Natürlich ist es trotzdem eine Männergeschichte. Schwer vorstellbar, dass sich zwei Frauen ein Jahr lang mit dem ebenso idiotischen wie mörderischen Projekt beschäftigen, die knappen Güter Zeit und Geld dafür zu opfern, einen potentiell lebensgefährlichen Raubfisch zu fangen. Noch dazu ein Tier, dessen Fleisch nicht nur entgiftet werden muss und so stark nach Urin stinkt, dass es sentimentaler kulinarischer Traditionen wie der isländischen braucht, um es als Lebensmittel wahrzunehmen (Rezept siehe Anmerkungen!). Und als ob dies nicht irrsinnig genug wäre, ist der Ort der Handlung ein als Schiffsfriedhof und Witwenmacher berüchtigter Fjord nördlich des Atlantiks. Fahren die Freunde in ihrem Bötchen gegen die Wellen, schlagen diese so hart gegen den Rumpf, dass sie sich fühlen, als ob ihnen das Fleisch von den Knochen fallen würde. Unter den Wellen lauern Felsen, aus deren Namen man bereits einiges ablesen kann: »Hundeschnauze, Wolfsriff, Gemeine Schäre, Felsenkliff, Galgenholm, Prellbänke und so weiter. Nur wenn Sturm ist und das tosende Meer über die Holme und Schären peitscht, kommen einige der sonst unsichtbaren Felsen zum Vorschein – das sind die tückischsten.«
Eine weitere Gefahrenquelle des Vestfjordes ist der Mahlstrom oder Moskenstraumen. Ein ungeheurer Gezeitenstrom, der durch Jules Vernes Roman 20.000 Meilen unter dem Meer und Edgar Allan Poes Kurzgeschichte Hinab in den Maelstroem berühmt-berüchtigt wurde. »Nicht einmal Kapitän Nemos U-Boot, das technische Wunderwerk Nautilus, war dem gefährlichsten Ort der Weltmeere gewachsen, wo der wirbelnde Strudel Schiffe, Wale und Eisbären in den sicheren Tod riss.«
Und irgendwo dort unten, in Kälte und Dunkelheit, jagt das Tier, welches sie an die Angel bekommen wollen.

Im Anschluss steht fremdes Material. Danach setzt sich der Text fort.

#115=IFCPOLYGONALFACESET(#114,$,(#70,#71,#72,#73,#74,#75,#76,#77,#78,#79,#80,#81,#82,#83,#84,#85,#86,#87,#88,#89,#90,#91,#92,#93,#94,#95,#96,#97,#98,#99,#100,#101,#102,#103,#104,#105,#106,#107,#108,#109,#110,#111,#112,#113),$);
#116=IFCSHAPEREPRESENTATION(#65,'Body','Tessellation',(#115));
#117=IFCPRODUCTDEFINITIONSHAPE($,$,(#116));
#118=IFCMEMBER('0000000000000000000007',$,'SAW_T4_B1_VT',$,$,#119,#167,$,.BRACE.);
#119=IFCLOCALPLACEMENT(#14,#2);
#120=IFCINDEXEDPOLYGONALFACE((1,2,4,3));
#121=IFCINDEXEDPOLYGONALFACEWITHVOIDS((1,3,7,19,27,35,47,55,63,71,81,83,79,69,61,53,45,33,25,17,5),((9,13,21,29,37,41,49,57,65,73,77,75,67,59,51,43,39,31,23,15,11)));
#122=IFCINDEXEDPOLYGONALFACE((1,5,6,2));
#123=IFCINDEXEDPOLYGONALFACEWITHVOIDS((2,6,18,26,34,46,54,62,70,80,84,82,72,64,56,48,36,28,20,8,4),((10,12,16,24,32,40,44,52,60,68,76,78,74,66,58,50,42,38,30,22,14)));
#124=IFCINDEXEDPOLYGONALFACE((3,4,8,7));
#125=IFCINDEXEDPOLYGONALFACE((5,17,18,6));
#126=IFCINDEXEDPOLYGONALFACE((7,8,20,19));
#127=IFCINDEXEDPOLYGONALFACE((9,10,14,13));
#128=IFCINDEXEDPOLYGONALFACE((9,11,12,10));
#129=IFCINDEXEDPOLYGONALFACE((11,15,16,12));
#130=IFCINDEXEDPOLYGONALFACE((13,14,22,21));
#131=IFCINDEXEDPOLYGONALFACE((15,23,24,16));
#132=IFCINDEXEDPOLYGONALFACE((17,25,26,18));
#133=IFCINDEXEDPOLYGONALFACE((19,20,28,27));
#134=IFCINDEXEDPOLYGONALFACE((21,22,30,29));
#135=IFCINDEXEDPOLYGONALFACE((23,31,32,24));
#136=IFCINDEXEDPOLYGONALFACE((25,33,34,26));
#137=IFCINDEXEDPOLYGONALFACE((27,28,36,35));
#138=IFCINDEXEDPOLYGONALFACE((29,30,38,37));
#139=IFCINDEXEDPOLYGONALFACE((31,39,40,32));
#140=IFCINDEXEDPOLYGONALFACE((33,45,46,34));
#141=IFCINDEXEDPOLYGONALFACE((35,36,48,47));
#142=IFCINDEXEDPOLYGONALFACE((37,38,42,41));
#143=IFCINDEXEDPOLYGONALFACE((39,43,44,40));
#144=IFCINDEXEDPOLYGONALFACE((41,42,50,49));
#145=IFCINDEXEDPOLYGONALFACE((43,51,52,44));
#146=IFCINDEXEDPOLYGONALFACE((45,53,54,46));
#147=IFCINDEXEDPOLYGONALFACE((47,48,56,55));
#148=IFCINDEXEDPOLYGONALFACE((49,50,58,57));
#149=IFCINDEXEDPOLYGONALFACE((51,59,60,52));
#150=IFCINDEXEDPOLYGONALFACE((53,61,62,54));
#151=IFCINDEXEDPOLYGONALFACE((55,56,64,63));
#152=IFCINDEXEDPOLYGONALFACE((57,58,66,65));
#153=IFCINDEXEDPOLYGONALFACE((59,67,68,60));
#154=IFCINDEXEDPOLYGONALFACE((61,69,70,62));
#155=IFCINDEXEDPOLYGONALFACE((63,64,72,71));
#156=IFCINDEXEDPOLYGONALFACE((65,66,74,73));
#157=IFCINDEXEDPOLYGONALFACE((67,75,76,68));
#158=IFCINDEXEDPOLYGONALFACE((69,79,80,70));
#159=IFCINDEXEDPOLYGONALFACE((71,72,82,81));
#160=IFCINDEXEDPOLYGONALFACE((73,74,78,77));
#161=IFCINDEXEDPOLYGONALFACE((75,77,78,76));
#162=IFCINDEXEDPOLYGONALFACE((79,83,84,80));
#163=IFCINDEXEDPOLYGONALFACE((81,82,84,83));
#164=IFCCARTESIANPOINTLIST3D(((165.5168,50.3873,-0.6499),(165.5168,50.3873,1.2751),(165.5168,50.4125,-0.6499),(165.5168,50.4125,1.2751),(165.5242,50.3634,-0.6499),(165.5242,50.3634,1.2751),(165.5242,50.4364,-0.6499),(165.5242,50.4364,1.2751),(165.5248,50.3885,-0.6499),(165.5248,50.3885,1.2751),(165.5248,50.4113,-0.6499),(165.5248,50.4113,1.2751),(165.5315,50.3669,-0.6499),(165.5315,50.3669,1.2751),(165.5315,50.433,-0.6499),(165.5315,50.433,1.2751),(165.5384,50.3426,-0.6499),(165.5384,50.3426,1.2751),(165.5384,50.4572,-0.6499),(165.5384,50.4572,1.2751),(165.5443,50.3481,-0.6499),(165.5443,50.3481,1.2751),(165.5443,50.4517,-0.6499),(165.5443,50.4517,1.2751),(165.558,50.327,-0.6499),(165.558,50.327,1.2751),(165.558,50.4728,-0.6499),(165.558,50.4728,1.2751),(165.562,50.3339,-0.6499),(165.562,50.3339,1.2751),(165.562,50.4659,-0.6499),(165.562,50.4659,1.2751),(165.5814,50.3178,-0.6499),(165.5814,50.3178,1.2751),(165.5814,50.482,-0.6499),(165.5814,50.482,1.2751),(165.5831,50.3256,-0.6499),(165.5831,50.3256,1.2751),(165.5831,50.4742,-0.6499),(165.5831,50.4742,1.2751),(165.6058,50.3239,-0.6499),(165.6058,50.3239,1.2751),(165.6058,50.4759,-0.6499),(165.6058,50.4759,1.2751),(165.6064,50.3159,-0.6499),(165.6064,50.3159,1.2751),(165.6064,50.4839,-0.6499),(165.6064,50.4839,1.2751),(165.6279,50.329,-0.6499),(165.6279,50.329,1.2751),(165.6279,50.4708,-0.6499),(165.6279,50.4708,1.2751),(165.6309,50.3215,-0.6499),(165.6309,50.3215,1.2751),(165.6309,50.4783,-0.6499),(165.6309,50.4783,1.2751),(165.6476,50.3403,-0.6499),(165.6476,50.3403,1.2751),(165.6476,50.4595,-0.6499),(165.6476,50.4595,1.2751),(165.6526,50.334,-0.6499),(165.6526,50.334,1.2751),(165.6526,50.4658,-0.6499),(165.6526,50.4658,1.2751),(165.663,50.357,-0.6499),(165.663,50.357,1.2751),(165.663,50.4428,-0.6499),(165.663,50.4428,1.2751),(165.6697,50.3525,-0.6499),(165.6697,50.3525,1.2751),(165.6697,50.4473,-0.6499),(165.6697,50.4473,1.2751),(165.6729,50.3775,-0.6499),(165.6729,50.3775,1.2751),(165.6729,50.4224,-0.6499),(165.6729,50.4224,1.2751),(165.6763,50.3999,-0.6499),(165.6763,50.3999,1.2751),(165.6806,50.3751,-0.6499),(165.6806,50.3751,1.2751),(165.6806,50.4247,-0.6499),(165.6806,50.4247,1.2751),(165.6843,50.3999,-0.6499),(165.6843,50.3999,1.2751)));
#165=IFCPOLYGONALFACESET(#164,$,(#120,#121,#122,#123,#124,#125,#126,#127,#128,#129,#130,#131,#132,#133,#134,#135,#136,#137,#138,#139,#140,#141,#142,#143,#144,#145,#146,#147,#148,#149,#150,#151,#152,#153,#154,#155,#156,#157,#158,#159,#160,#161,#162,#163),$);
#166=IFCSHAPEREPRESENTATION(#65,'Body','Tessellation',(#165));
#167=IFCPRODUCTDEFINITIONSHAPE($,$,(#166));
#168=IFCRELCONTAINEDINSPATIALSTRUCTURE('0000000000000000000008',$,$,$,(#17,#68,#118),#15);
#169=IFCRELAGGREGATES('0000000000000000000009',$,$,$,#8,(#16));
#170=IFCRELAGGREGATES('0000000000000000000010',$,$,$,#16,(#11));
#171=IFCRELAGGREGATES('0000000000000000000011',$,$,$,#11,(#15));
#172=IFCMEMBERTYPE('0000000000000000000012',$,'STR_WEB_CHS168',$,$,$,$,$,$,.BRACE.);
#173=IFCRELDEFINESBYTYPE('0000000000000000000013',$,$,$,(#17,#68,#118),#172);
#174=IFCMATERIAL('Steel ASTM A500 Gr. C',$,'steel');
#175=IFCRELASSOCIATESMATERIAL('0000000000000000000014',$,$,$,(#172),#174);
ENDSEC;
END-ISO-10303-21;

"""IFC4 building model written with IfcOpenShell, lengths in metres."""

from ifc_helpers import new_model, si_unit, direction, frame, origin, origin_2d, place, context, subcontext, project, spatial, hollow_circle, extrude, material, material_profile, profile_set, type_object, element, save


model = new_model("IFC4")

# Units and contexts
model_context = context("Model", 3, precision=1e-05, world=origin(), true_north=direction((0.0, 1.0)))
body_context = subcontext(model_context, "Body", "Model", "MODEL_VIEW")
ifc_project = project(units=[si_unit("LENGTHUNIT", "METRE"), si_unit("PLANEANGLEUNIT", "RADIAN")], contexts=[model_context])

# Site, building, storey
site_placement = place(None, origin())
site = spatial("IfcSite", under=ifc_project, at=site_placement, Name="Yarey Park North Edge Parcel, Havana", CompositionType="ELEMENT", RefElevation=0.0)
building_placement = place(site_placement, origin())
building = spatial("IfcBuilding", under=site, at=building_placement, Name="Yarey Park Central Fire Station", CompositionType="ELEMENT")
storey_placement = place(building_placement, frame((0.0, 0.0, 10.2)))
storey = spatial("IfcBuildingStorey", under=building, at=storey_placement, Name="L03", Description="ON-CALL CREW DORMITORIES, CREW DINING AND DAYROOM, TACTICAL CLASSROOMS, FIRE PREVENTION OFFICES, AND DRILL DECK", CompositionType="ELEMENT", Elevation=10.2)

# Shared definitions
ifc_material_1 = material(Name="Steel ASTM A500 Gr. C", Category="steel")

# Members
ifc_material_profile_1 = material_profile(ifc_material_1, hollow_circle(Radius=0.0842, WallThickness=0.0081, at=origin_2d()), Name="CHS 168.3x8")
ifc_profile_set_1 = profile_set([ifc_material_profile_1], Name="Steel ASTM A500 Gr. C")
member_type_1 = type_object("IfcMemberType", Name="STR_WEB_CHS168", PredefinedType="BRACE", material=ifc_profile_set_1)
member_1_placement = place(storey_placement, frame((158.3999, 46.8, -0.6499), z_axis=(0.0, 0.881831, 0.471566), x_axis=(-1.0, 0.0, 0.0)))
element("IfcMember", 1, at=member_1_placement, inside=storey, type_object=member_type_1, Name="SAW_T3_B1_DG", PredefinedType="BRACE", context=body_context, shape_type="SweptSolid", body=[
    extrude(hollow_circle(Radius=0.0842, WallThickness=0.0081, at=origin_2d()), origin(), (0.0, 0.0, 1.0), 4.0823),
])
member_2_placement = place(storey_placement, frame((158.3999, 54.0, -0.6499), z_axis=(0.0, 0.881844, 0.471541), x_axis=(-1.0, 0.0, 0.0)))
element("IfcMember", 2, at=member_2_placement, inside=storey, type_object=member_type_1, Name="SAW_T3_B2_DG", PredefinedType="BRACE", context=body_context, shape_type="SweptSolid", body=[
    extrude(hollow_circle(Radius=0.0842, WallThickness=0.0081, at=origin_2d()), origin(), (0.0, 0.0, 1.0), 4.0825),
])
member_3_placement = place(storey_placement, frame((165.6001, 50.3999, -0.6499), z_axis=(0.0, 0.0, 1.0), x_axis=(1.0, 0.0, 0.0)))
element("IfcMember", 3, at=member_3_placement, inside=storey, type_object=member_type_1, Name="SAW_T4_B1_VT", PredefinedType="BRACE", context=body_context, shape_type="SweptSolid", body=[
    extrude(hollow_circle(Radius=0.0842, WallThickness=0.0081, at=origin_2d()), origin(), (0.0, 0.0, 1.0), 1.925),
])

»Der Eishai ist ein Urzeitwesen, das am Grund tiefer norwegischer Fjorde bis hinauf zum Nordpool schwimmt. Tiefseehaie sind normalerweise viel kleiner als Haie in flacheren Gewässern. Der Eishai bildet eine Ausnahme. Er kann größer werden als der Weiße Hai und ist der der größte fleischfressendeHai der Welt (Riesenhai und Walhai werden größer ernähren sich aber von Plankton). Meeresbiologen haben vor Kurze festgestellt, dass ein Eishai zweihundert Jahre alt werden kann. Theoretisch könnte der Eishai, den wir fangen wollen, also während der Napoleonischen Kriege geboren worden sein.
Anders als der Heringshai steht der Eishai nicht unter Naturschutz und darf gejagt werden, nur interessiert sich keiner für das Fleisch des massigen Haikörpers.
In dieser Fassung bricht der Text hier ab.